Remember the claim that “if you like your plan, you can keep your plan” under ObamaCare?  That was never actually true, as many who had low-cost catastrophic coverage married with HSAs will have to abandon them for more-costly comprehensive plans under the ACA’s coverage mandates.  In California, it’s even less true as three insurers with millions of subscribers opt out of the state-run ObamaCare exchange:

Some prominent health insurers, including industry giant UnitedHealth Group Inc., are not participating in California’s new state-run health insurance market, possibly limiting the number of choices for millions of consumers.

UnitedHealth, the nation’s largest private insurer, Aetna Inc.and Cigna Corp. are sitting out the first year of Covered California, the state’s insurance exchange and a key testing ground nationally for a massive coverage expansion under the federal healthcare law. …

Covered California, the state agency implementing the federal Affordable Care Act, is announcing the winning bidders and proposed rates Thursday for its insurance exchange, where as many as 5 million residents are expected to shop for coverage next year.

Winning bidders?  Yes, these exchanges aren’t actual marketplaces, where providers compete on prices and services.  Insurers had to bid their plans into the exchanges rather than to consumers, and only those whose prices met Covered California’s arbitrary standards are allowed to offer their programs to people without employer-based coverage.

That was enough for the three insurers to take a pass on the exchange altogether:

UnitedHealth, Aetna and Cigna are small players now in California’s individual health insurance market. More of their business is focused on large employers, where most Californians receive their health coverage. But the companies signaled a wait-and-see approach on these new government-run marketplaces.

Together, in 2011, those three big insurers had 7% of California’s individual health insurance market, according to Citigroup research. In contrast, Kaiser, Anthem Blue Cross and Blue Shield had nearly 87%, collectively.

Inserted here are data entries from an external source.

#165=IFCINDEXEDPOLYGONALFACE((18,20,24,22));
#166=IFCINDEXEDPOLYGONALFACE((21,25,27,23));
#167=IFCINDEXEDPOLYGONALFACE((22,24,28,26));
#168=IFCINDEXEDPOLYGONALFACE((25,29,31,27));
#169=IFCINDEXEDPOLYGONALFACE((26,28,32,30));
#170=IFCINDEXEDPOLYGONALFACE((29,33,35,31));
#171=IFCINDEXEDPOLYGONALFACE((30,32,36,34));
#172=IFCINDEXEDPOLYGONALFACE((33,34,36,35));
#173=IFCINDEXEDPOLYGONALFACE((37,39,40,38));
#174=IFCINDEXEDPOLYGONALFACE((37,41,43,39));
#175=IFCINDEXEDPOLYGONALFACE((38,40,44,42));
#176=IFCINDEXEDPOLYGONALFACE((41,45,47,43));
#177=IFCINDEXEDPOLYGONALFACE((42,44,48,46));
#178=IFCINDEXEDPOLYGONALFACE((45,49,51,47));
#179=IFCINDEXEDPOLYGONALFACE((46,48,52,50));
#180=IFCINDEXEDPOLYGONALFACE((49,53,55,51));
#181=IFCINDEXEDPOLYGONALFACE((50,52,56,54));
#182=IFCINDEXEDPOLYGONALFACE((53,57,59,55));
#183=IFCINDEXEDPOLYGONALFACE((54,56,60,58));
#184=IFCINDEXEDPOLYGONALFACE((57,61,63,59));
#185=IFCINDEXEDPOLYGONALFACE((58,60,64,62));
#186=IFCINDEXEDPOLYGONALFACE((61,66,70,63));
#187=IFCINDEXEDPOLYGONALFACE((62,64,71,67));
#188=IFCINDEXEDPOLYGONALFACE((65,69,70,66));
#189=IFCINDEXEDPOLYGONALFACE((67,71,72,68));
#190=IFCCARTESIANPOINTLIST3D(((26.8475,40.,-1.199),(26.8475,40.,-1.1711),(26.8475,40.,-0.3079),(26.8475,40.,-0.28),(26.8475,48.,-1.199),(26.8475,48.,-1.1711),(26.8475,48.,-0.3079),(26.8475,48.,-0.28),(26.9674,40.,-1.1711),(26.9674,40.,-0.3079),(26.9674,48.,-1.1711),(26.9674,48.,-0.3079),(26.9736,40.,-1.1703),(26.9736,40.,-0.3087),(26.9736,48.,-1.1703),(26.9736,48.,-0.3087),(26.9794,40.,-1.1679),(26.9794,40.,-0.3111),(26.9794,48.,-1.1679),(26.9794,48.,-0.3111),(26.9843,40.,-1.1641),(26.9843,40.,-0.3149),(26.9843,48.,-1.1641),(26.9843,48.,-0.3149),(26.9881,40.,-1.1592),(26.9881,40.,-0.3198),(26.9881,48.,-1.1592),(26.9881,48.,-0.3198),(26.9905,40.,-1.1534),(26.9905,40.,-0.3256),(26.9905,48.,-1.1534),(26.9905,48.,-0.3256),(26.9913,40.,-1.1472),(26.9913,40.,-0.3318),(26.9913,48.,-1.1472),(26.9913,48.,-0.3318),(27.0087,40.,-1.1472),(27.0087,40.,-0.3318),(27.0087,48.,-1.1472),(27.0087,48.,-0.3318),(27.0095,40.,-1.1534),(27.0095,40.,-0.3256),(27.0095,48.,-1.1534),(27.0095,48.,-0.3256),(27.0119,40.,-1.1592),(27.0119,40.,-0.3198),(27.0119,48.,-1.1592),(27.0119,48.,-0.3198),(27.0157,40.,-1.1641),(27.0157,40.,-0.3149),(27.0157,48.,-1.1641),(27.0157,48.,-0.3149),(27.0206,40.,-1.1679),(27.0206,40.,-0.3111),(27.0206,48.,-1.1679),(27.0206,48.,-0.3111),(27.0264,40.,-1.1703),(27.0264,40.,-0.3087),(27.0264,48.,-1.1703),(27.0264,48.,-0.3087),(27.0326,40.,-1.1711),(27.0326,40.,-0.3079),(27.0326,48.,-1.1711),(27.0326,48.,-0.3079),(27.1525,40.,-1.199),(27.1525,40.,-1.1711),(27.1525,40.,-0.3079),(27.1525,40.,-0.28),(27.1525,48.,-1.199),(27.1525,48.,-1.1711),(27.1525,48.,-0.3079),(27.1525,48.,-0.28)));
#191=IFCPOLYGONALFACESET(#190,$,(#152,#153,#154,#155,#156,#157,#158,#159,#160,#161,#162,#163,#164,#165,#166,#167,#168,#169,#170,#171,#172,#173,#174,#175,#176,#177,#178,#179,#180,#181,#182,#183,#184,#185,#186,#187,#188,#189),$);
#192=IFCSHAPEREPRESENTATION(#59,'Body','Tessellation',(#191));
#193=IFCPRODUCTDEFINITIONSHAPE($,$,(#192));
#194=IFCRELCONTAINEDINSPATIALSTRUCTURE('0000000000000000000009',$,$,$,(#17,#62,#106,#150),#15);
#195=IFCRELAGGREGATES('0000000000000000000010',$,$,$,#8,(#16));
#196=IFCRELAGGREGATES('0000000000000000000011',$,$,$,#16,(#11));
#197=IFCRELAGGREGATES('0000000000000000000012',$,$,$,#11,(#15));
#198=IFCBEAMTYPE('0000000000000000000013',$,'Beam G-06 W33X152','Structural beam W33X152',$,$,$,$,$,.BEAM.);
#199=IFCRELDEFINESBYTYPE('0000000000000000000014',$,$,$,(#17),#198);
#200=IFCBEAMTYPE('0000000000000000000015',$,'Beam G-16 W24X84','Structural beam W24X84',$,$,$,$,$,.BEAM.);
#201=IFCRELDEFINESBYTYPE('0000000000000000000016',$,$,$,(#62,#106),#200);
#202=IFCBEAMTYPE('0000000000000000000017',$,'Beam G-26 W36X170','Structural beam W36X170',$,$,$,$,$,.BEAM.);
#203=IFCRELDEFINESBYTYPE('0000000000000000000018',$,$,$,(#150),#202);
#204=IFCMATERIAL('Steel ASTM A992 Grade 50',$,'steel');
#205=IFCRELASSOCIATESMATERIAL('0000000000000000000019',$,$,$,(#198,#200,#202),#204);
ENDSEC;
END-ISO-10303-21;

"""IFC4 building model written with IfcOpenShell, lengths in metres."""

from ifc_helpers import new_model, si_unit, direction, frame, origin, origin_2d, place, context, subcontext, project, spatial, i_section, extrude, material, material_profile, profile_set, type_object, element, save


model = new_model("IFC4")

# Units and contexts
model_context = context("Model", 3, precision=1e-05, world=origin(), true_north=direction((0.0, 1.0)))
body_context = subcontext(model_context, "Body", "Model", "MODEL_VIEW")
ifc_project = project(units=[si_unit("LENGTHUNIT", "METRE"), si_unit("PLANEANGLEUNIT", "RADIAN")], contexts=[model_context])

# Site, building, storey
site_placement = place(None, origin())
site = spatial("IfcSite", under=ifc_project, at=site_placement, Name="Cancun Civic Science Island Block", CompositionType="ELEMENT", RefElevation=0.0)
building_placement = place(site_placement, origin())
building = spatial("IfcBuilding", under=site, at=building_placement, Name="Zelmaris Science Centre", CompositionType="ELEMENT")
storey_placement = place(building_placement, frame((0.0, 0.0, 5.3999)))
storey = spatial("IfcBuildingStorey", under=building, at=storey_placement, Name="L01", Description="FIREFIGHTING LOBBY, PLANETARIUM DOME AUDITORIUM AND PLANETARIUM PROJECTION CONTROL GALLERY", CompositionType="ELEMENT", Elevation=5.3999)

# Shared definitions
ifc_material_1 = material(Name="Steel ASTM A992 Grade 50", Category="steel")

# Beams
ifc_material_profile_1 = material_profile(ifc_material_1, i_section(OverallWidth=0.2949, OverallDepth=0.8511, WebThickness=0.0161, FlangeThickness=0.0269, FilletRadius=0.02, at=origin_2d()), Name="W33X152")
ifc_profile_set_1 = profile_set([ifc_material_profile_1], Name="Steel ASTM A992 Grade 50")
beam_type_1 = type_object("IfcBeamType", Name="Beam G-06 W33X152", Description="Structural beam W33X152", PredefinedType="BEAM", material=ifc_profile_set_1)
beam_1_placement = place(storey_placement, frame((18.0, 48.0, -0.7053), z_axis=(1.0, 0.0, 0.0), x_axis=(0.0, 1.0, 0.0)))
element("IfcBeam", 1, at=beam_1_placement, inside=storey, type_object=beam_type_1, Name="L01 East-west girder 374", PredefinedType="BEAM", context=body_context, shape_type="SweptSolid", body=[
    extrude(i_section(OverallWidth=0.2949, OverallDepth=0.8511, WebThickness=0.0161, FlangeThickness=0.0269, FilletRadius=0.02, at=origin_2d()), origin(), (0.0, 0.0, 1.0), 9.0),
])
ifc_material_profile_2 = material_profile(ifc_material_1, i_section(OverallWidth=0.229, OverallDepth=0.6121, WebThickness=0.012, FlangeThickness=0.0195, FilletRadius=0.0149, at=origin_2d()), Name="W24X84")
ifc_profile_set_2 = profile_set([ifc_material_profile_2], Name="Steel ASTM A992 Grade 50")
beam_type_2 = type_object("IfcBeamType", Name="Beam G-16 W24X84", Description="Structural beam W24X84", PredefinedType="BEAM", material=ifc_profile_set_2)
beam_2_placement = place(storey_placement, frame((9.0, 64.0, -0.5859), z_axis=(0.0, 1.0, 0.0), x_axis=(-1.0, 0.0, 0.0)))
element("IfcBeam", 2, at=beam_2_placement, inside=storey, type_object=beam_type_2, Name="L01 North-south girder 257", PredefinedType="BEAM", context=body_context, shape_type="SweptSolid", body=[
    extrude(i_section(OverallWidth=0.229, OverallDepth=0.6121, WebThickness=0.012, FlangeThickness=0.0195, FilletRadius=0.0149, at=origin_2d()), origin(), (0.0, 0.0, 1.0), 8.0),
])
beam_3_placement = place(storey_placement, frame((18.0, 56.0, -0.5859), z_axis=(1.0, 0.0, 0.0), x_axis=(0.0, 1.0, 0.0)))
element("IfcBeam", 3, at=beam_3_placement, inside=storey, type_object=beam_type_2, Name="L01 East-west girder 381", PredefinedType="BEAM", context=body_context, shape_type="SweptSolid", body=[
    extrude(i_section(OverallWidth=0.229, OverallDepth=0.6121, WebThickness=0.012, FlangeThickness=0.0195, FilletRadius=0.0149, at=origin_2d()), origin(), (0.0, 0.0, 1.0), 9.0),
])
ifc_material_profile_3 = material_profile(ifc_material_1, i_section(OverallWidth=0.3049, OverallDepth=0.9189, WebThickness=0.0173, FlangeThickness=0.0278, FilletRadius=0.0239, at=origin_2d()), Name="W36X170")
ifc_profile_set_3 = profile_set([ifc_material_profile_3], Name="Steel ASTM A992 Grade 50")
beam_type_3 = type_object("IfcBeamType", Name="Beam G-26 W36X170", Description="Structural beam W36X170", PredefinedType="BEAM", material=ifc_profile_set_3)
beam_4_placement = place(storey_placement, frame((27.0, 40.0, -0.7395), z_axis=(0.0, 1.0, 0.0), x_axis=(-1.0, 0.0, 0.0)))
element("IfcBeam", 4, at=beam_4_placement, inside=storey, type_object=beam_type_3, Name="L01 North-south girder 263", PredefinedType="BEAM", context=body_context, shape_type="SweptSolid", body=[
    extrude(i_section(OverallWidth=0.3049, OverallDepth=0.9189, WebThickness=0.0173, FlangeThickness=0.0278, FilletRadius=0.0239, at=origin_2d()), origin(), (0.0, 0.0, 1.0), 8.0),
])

Anthem Blue Cross is a unit of WellPoint Inc., the nation’s second-largest health insurer.

This doesn’t impact their employer-based coverage — at least not yet.  The exchanges exist for those who have to buy their coverage individually rather than as part of a group.  However, as the incentives for employers to dump coverage increase as premiums skyrocket, more and more Californians will be forced into these exchanges and onto federal subsidies to pay for the cost themselves, which will make it more expensive for everyone but the employers, and provide less choice for the consumers.

Covered California denies that fewer choices in the exchange means, er, fewer choices:

Peter Lee, executive director of Covered California, declined to comment on specific companies ahead of Thursday’s announcement. But he rejected any criticism that diminished competition could lead to higher premiums and fewer choices.

“There will be plenty of price competition for California consumers,” Lee said in an interview Wednesday. “They will be benefiting from robust competition.”

Clearly, that’s not what’s happening here.  The three companies that control 87% of the individual market now will soon control nearly 100% of it.  Thanks to the terms of the exchanges, the kind of plans they can offer also have to be restricted to comply with ObamaCare mandates, and the price controls placed on the entry to the market will limit choices even more.  One of the biggest problems in the pre-ObamaCare environment was a lack of choices thanks to barriers to interstate sales of insurance plans, and at least in California, the “solution” has made that problem even worse.

Just wait until ObamaCare comes to your state.